Oorlogsvoering wordt steeds meer gedigitaliseerd en geautomatiseerd. Dit verandert ook de rol van burgers binnen de Conventies van Genève. Om deze ontwikkeling tegen te gaan, hebben we dringend nieuwe internationale overeenkomsten nodig.
Oorlogsvoering De technologieën van de zogenaamde kunstmatige intelligentie (AI) hebben de afgelopen 18 maanden een snelle opleving en snelle groei doorgemaakt in de commerciële sector – bijvoorbeeld met de introductie van ChatGPT. Onlangs meldden verschillende nieuwsmedia dat Israël AI gebruikt in het conflict in Gaza, iets wat het Israëlische leger heftig ontkent. Er bestaat echter weinig twijfel over dat nieuwe technologieën binnenkort op het slagveld zullen worden gebruikt.

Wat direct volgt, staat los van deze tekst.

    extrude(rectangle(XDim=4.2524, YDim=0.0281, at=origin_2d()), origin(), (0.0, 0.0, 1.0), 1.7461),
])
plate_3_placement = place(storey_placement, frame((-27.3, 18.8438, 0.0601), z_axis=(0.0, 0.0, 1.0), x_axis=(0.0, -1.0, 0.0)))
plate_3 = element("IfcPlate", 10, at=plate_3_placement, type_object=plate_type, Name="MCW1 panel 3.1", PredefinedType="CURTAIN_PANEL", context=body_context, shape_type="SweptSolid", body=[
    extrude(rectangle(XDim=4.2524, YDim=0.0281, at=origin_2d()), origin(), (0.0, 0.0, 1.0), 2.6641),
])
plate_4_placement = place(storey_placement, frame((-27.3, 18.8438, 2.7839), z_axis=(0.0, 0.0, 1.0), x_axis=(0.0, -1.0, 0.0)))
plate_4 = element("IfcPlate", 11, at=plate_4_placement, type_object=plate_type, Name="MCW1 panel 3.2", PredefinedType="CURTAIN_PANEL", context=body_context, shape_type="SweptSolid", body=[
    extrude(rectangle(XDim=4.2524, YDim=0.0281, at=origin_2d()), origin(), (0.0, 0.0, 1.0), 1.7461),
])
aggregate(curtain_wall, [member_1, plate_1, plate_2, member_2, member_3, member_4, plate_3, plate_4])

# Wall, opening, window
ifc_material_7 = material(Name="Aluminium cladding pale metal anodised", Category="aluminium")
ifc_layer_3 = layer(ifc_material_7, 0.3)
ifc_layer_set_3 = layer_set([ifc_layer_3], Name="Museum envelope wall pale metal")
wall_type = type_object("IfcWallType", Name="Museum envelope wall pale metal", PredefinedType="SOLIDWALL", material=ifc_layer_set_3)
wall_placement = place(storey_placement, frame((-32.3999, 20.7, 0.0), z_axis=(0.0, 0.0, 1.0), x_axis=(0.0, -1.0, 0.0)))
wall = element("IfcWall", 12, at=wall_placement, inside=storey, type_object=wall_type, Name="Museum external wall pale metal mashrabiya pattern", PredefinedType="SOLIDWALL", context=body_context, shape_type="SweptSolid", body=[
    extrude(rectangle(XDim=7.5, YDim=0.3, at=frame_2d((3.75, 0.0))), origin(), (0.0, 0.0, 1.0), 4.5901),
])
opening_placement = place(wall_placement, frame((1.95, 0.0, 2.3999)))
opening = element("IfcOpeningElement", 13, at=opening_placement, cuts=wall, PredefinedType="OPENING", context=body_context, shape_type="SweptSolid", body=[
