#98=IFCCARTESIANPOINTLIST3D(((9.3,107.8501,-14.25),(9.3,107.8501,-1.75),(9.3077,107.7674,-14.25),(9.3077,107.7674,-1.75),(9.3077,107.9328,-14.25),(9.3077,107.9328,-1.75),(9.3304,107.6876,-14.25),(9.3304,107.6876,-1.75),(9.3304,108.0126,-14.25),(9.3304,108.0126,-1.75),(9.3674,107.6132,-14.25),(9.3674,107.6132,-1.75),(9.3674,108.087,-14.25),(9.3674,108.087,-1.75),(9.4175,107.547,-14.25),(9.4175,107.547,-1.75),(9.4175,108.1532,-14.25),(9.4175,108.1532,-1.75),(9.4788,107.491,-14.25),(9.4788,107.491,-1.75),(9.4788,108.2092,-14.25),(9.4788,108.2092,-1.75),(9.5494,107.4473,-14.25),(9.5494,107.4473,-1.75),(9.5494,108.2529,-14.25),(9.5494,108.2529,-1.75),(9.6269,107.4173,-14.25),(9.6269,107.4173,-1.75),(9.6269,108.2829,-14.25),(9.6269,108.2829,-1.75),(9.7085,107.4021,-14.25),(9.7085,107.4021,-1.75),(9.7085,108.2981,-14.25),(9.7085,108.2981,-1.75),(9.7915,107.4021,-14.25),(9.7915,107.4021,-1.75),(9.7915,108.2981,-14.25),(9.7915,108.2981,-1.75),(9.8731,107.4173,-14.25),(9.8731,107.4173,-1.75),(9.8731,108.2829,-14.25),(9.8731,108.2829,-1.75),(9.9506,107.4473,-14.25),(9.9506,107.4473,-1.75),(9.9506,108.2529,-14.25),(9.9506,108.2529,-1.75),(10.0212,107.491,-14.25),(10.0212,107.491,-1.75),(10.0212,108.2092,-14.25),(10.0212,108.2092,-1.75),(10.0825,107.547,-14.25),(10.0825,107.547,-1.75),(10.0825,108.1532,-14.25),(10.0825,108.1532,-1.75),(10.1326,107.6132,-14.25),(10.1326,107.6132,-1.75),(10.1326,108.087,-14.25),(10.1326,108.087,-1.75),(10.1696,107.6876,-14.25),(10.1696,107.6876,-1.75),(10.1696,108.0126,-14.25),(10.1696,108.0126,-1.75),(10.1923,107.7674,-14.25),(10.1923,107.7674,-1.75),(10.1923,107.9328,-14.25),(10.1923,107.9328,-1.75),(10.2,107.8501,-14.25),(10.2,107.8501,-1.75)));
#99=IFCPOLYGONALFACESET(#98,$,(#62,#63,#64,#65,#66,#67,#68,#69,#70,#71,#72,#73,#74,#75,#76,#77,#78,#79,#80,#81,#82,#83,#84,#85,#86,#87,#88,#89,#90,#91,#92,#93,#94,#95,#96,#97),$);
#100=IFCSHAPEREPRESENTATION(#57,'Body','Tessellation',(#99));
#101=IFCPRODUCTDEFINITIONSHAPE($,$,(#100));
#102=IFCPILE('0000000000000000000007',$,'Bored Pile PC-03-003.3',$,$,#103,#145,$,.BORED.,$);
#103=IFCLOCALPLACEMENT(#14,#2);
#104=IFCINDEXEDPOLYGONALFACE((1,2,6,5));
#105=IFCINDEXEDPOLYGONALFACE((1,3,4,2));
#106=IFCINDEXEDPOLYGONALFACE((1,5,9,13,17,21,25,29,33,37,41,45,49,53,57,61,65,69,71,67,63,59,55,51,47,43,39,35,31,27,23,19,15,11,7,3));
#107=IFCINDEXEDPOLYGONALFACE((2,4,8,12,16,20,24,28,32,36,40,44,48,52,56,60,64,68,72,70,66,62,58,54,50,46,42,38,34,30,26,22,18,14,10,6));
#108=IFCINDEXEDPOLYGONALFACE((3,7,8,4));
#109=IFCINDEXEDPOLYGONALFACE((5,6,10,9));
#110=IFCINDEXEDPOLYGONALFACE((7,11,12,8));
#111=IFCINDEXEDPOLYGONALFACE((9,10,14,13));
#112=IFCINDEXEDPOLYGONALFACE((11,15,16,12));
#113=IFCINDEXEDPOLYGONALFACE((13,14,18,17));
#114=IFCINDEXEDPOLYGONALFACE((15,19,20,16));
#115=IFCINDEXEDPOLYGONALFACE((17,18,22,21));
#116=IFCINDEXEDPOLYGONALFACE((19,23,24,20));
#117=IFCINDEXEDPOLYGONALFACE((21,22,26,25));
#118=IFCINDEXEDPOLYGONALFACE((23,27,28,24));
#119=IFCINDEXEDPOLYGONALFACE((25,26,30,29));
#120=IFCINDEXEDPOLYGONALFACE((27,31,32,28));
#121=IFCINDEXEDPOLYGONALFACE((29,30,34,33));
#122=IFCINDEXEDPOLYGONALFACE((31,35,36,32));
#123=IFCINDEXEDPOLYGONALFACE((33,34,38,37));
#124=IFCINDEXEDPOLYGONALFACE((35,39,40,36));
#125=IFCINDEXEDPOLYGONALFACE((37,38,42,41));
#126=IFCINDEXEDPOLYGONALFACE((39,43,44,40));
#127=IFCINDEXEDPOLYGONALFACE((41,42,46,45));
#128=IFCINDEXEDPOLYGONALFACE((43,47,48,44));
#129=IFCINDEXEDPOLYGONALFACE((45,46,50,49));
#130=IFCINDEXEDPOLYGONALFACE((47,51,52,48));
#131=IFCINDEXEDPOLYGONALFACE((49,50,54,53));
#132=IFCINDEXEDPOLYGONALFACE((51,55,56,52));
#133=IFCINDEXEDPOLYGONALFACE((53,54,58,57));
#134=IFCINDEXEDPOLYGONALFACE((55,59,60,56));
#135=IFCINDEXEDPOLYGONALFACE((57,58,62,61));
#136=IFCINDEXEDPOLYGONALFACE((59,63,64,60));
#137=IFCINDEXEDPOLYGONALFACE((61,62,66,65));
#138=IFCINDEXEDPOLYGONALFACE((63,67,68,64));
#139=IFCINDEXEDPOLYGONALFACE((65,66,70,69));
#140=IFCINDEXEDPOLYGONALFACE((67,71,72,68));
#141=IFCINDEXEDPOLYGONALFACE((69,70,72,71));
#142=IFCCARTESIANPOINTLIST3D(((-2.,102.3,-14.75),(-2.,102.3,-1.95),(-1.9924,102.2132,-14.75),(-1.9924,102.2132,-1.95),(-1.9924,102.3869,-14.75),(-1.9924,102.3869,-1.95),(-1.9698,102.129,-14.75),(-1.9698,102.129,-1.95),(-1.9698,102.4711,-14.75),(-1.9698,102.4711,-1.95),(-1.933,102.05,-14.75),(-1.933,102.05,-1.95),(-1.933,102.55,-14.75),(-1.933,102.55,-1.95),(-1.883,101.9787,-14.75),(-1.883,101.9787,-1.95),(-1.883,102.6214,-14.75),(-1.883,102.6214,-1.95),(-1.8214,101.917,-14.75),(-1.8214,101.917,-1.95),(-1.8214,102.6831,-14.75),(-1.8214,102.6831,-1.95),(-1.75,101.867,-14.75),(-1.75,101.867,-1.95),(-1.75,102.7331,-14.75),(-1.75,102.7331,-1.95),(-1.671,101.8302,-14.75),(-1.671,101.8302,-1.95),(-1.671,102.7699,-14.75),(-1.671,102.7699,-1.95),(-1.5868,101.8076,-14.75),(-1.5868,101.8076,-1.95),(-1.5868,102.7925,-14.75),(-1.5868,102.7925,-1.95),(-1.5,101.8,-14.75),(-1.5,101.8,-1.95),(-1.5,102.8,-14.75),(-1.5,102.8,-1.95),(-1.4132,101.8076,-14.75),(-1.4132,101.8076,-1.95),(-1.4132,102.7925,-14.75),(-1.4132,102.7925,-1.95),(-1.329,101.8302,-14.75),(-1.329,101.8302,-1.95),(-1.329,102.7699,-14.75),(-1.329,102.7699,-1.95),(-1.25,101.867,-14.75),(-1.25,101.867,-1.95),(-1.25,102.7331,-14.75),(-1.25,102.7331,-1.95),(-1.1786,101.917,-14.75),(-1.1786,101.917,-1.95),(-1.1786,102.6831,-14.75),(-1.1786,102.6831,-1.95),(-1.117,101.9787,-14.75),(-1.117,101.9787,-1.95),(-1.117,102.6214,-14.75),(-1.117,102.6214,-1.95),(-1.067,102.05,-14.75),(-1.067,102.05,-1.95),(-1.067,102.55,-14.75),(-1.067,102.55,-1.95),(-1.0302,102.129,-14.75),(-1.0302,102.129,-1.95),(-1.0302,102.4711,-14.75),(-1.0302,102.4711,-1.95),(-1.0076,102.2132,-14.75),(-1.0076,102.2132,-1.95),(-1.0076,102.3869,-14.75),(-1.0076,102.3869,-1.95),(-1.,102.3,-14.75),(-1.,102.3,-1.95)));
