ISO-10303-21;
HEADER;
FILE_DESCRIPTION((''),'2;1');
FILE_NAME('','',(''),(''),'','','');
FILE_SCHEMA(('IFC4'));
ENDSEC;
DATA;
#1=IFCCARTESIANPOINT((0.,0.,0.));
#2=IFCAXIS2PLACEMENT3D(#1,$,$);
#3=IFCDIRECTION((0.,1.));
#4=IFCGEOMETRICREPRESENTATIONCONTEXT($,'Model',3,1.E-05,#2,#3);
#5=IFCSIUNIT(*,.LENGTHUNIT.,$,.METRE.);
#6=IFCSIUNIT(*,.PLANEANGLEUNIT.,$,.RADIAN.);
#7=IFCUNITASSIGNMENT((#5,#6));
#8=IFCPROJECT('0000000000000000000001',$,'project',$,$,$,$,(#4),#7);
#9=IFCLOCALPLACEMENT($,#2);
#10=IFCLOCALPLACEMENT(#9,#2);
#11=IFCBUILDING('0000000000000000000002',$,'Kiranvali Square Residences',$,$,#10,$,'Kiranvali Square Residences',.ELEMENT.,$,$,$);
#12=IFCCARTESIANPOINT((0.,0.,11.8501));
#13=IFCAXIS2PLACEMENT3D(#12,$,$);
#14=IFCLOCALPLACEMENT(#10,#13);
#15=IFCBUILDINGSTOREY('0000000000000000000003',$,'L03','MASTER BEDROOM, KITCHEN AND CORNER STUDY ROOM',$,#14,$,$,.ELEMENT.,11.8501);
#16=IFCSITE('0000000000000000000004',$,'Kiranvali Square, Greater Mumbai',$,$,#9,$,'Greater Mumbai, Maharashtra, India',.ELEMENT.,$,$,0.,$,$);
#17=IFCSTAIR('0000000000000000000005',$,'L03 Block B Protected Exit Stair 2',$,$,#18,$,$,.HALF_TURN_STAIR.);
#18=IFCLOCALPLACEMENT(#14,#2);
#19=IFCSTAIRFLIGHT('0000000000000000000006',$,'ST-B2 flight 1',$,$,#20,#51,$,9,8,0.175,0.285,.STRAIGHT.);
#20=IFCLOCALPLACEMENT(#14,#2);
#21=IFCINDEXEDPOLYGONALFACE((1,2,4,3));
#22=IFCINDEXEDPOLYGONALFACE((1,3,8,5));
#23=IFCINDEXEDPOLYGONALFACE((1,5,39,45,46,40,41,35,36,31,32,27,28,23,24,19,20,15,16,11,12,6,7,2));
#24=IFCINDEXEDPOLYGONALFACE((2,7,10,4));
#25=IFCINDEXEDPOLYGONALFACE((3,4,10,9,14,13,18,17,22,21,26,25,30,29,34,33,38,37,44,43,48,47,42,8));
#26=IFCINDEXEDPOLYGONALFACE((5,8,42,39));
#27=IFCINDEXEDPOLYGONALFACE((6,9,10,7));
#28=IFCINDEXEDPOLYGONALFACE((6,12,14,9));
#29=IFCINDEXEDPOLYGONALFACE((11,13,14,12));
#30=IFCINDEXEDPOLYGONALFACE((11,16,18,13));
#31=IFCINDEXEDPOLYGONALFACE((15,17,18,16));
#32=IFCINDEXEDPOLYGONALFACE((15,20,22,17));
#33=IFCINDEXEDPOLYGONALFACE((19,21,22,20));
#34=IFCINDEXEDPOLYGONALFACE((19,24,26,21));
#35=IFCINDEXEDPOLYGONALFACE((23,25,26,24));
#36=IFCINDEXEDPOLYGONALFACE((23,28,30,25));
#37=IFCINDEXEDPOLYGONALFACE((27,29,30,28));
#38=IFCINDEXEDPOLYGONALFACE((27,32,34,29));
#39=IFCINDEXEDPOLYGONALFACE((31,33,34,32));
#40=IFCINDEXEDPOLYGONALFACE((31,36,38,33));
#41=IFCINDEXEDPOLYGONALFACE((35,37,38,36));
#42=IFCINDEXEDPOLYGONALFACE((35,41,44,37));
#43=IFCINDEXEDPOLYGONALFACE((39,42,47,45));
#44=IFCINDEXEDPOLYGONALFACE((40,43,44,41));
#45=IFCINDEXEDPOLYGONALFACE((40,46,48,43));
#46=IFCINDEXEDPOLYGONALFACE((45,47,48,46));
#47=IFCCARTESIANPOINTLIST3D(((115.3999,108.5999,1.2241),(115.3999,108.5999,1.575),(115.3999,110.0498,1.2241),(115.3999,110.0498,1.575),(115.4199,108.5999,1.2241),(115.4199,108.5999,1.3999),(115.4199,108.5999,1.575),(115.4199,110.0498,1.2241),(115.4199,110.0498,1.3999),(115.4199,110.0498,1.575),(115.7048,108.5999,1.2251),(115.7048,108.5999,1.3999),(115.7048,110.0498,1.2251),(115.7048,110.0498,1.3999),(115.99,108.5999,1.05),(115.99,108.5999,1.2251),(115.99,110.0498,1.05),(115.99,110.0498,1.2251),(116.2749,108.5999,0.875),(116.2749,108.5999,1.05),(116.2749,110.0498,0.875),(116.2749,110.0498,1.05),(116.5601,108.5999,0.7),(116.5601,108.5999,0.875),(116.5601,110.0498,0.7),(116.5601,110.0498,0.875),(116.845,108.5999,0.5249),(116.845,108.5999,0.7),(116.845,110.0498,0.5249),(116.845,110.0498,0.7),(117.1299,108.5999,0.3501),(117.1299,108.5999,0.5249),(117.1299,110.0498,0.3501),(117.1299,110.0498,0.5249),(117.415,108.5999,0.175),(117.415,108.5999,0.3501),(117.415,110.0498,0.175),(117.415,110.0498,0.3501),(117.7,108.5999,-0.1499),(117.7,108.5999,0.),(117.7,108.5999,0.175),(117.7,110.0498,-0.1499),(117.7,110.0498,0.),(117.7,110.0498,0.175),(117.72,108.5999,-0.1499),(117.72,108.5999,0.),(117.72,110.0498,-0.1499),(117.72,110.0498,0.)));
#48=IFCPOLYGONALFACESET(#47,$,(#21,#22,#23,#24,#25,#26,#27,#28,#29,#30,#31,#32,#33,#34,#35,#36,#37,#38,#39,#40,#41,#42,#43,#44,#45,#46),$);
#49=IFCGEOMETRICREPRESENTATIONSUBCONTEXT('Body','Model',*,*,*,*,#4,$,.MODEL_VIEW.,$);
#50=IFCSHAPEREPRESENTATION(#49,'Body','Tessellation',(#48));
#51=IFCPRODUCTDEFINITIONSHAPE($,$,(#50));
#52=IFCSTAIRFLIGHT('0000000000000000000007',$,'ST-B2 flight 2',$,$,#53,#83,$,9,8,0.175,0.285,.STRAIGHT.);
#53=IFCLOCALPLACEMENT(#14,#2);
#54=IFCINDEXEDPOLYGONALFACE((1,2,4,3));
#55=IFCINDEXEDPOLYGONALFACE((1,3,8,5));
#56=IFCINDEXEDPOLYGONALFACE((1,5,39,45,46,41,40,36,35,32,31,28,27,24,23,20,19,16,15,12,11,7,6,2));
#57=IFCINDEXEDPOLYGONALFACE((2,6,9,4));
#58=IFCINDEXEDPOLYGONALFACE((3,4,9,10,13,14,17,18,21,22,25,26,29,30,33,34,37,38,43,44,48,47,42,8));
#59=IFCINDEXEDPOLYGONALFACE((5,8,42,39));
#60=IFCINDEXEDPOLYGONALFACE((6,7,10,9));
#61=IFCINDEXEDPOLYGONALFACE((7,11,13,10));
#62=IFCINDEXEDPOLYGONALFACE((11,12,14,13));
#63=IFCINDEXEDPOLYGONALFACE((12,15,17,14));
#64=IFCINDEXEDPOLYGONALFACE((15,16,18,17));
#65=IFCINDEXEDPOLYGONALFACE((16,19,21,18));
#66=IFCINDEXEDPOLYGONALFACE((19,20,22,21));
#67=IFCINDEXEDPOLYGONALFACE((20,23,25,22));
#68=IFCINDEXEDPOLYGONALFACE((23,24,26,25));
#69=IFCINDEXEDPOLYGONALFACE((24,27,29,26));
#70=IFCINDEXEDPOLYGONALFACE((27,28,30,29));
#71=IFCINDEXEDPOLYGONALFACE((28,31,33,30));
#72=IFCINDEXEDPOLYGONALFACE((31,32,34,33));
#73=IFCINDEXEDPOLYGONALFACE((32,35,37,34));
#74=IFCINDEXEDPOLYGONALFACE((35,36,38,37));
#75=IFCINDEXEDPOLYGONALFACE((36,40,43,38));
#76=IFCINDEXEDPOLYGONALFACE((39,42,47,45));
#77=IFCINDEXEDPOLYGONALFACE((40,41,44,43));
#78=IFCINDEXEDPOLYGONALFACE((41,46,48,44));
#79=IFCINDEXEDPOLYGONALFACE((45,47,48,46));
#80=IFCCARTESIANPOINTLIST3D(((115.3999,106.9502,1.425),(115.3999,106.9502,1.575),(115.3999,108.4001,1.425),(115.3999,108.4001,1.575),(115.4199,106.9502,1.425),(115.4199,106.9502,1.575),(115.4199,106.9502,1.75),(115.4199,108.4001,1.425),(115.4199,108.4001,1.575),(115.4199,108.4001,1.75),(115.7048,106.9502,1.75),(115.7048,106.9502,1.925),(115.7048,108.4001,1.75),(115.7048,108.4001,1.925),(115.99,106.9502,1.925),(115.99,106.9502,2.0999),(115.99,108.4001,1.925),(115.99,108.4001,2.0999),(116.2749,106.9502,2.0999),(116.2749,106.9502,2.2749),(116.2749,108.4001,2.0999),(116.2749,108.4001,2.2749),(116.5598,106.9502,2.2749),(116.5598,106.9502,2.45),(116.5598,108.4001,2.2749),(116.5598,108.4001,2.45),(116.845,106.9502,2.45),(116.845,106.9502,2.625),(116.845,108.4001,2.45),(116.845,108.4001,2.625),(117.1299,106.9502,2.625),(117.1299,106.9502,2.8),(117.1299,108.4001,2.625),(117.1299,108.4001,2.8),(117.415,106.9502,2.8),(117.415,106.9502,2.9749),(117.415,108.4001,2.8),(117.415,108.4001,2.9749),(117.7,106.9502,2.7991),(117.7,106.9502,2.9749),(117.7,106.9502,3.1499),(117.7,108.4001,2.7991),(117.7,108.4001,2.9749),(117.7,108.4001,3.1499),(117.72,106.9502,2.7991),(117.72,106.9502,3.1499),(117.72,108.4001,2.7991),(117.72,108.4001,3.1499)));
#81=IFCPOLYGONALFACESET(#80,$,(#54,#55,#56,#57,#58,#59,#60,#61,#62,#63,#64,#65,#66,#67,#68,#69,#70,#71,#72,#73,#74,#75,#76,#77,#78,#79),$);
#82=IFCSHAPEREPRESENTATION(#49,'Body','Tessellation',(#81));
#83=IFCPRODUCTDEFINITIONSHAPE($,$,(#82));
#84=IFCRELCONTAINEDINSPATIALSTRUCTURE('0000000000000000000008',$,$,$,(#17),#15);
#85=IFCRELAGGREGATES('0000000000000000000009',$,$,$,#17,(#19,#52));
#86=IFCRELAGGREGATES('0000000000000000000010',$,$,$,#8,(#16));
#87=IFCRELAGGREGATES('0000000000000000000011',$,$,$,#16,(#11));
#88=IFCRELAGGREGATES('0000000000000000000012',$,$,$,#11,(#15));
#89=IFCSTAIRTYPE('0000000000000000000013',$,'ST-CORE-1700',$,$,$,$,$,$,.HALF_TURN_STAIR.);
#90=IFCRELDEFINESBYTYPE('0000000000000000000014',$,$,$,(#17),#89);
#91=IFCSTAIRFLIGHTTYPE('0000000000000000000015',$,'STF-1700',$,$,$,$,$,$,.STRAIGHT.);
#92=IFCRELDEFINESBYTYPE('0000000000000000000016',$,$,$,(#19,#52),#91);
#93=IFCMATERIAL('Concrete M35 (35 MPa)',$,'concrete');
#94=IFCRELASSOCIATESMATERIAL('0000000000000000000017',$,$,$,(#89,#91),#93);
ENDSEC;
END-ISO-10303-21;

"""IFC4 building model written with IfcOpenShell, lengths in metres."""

from ifc_helpers import new_model, si_unit, direction, frame, origin, place, context, subcontext, project, spatial, polyline, outline, extrude, material, type_object, element, aggregate, save


model = new_model("IFC4")

# Units and contexts
model_context = context("Model", 3, precision=1e-05, world=origin(), true_north=direction((0.0, 1.0)))
body_context = subcontext(model_context, "Body", "Model", "MODEL_VIEW")
ifc_project = project(units=[si_unit("LENGTHUNIT", "METRE"), si_unit("PLANEANGLEUNIT", "RADIAN")], contexts=[model_context])

# Site, building, storey
site_placement = place(None, origin())
site = spatial("IfcSite", under=ifc_project, at=site_placement, Name="Kiranvali Square, Greater Mumbai", LongName="Greater Mumbai, Maharashtra, India", CompositionType="ELEMENT", RefElevation=0.0)
building_placement = place(site_placement, origin())
building = spatial("IfcBuilding", under=site, at=building_placement, Name="Kiranvali Square Residences", LongName="Kiranvali Square Residences", CompositionType="ELEMENT")
storey_placement = place(building_placement, frame((0.0, 0.0, 11.8501)))
storey = spatial("IfcBuildingStorey", under=building, at=storey_placement, Name="L03", Description="MASTER BEDROOM, KITCHEN AND CORNER STUDY ROOM", CompositionType="ELEMENT", Elevation=11.8501)

# Stair, stair flights
ifc_material_1 = material(Name="Concrete M35 (35 MPa)", Category="concrete")
stair_type = type_object("IfcStairType", Name="ST-CORE-1700", PredefinedType="HALF_TURN_STAIR", material=ifc_material_1)
stair_placement = place(storey_placement, origin())
stair = element("IfcStair", 1, at=stair_placement, inside=storey, type_object=stair_type, Name="L03 Block B Protected Exit Stair 2", PredefinedType="HALF_TURN_STAIR")
stair_flight_type = type_object("IfcStairFlightType", Name="STF-1700", PredefinedType="STRAIGHT", material=ifc_material_1)
stair_flight_1_placement = place(storey_placement, frame((117.7, 109.325, 0.0), z_axis=(0.0, 0.0, 1.0), x_axis=(-1.0, 0.0, 0.0)))
stair_flight_1 = element("IfcStairFlight", 2, at=stair_flight_1_placement, type_object=stair_flight_type, Name="ST-B2 flight 1", NumberOfRisers=9, NumberOfTreads=8, PredefinedType="STRAIGHT", RiserHeight=0.175, TreadLength=0.285, context=body_context, shape_type="SweptSolid", body=[
    extrude(outline(polyline([(-0.02, -0.1499), (-0.02, 0.0), (0.0, 0.0), (0.0, 0.175), (0.2849, 0.175), (0.2849, 0.3501), (0.5701, 0.3501), (0.5701, 0.5249), (0.855, 0.5249), (0.855, 0.7), (1.1399, 0.7), (1.1399, 0.875), (1.425, 0.875), (1.425, 1.05), (1.71, 1.05), (1.71, 1.2251), (1.9951, 1.2251), (1.9951, 1.3999), (2.28, 1.3999), (2.28, 1.575), (2.3, 1.575), (2.3, 1.2241), (2.28, 1.2241), (0.0, -0.1499), (-0.02, -0.1499)])), frame((0.0, 0.7251, 0.0), z_axis=(0.0, -1.0, 0.0), x_axis=(1.0, 0.0, 0.0)), (0.0, 0.0, 1.0), 1.45),
])
stair_flight_2_placement = place(storey_placement, frame((115.4199, 107.675, 1.575), z_axis=(0.0, 0.0, 1.0), x_axis=(1.0, 0.0, 0.0)))
stair_flight_2 = element("IfcStairFlight", 3, at=stair_flight_2_placement, type_object=stair_flight_type, Name="ST-B2 flight 2", NumberOfRisers=9, NumberOfTreads=8, PredefinedType="STRAIGHT", RiserHeight=0.175, TreadLength=0.285, context=body_context, shape_type="SweptSolid", body=[
    extrude(outline(polyline([(-0.02, -0.1499), (-0.02, 0.0), (0.0, 0.0), (0.0, 0.175), (0.2849, 0.175), (0.2849, 0.3501), (0.5701, 0.3501), (0.5701, 0.5249), (0.855, 0.5249), (0.855, 0.7), (1.1399, 0.7), (1.1399, 0.875), (1.425, 0.875), (1.425, 1.05), (1.71, 1.05), (1.71, 1.2251), (1.9951, 1.2251), (1.9951, 1.3999), (2.28, 1.3999), (2.28, 1.575), (2.3, 1.575), (2.3, 1.2241), (2.28, 1.2241), (0.0, -0.1499), (-0.02, -0.1499)])), frame((0.0, 0.7251, 0.0), z_axis=(0.0, -1.0, 0.0), x_axis=(1.0, 0.0, 0.0)), (0.0, 0.0, 1.0), 1.45),
])
aggregate(stair, [stair_flight_1, stair_flight_2])

save(model, "model.ifc")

Bij oorlogsvoering worden computers en geautomatiseerde processen gebruikt in veel geavanceerdere systemen, zoals geautomatiseerde wapens en onbemande voertuigen die autonome beslissingen kunnen nemen in het strijdtoneel. Andere voorbeelden zijn technologieën die snellere besluitvorming mogelijk maken doordat ze worden opgenomen in de gevechtsplanning of door de snelle onderschepping van vijandelijke radioberichten mogelijk te maken.
In het zakenleven is veel aandacht gevestigd op de verstoringen, discriminatie en het potentiële banenverlies als gevolg van het gebruik van AI en geautomatiseerde technologieën. De eerste prioriteit zou echter de discussie moeten zijn over welke impact het gebruik van deze oplossingen heeft op oorlogsvoering: geautomatiseerde besluitvorming of geautomatiseerde wapens automatiseren niet alleen de oorlog zelf, maar ze kunnen ook de rol van burgers binnen de Geneefse Conventies veranderen en verplaatsen.
De digitalisering van oorlogsvoering
In de Verenigde Staten is het niet ongebruikelijk dat er nauwe banden bestaan tussen de technologie-industrie en het leger. Een prominent voorbeeld is Eric Schmidt, voormalig CEO van Google, die ook als consultant voor de Amerikaanse strijdkrachten werkte als voorzitter van de Advisory Committee for the Department of Defense en de National Security Commission on Artificial Intelligence. In zijn recente stuk voor Buitenlandse Zaken riep hij op tot “oorlogvoering met de snelheid van computers, niet met de snelheid van mensen.”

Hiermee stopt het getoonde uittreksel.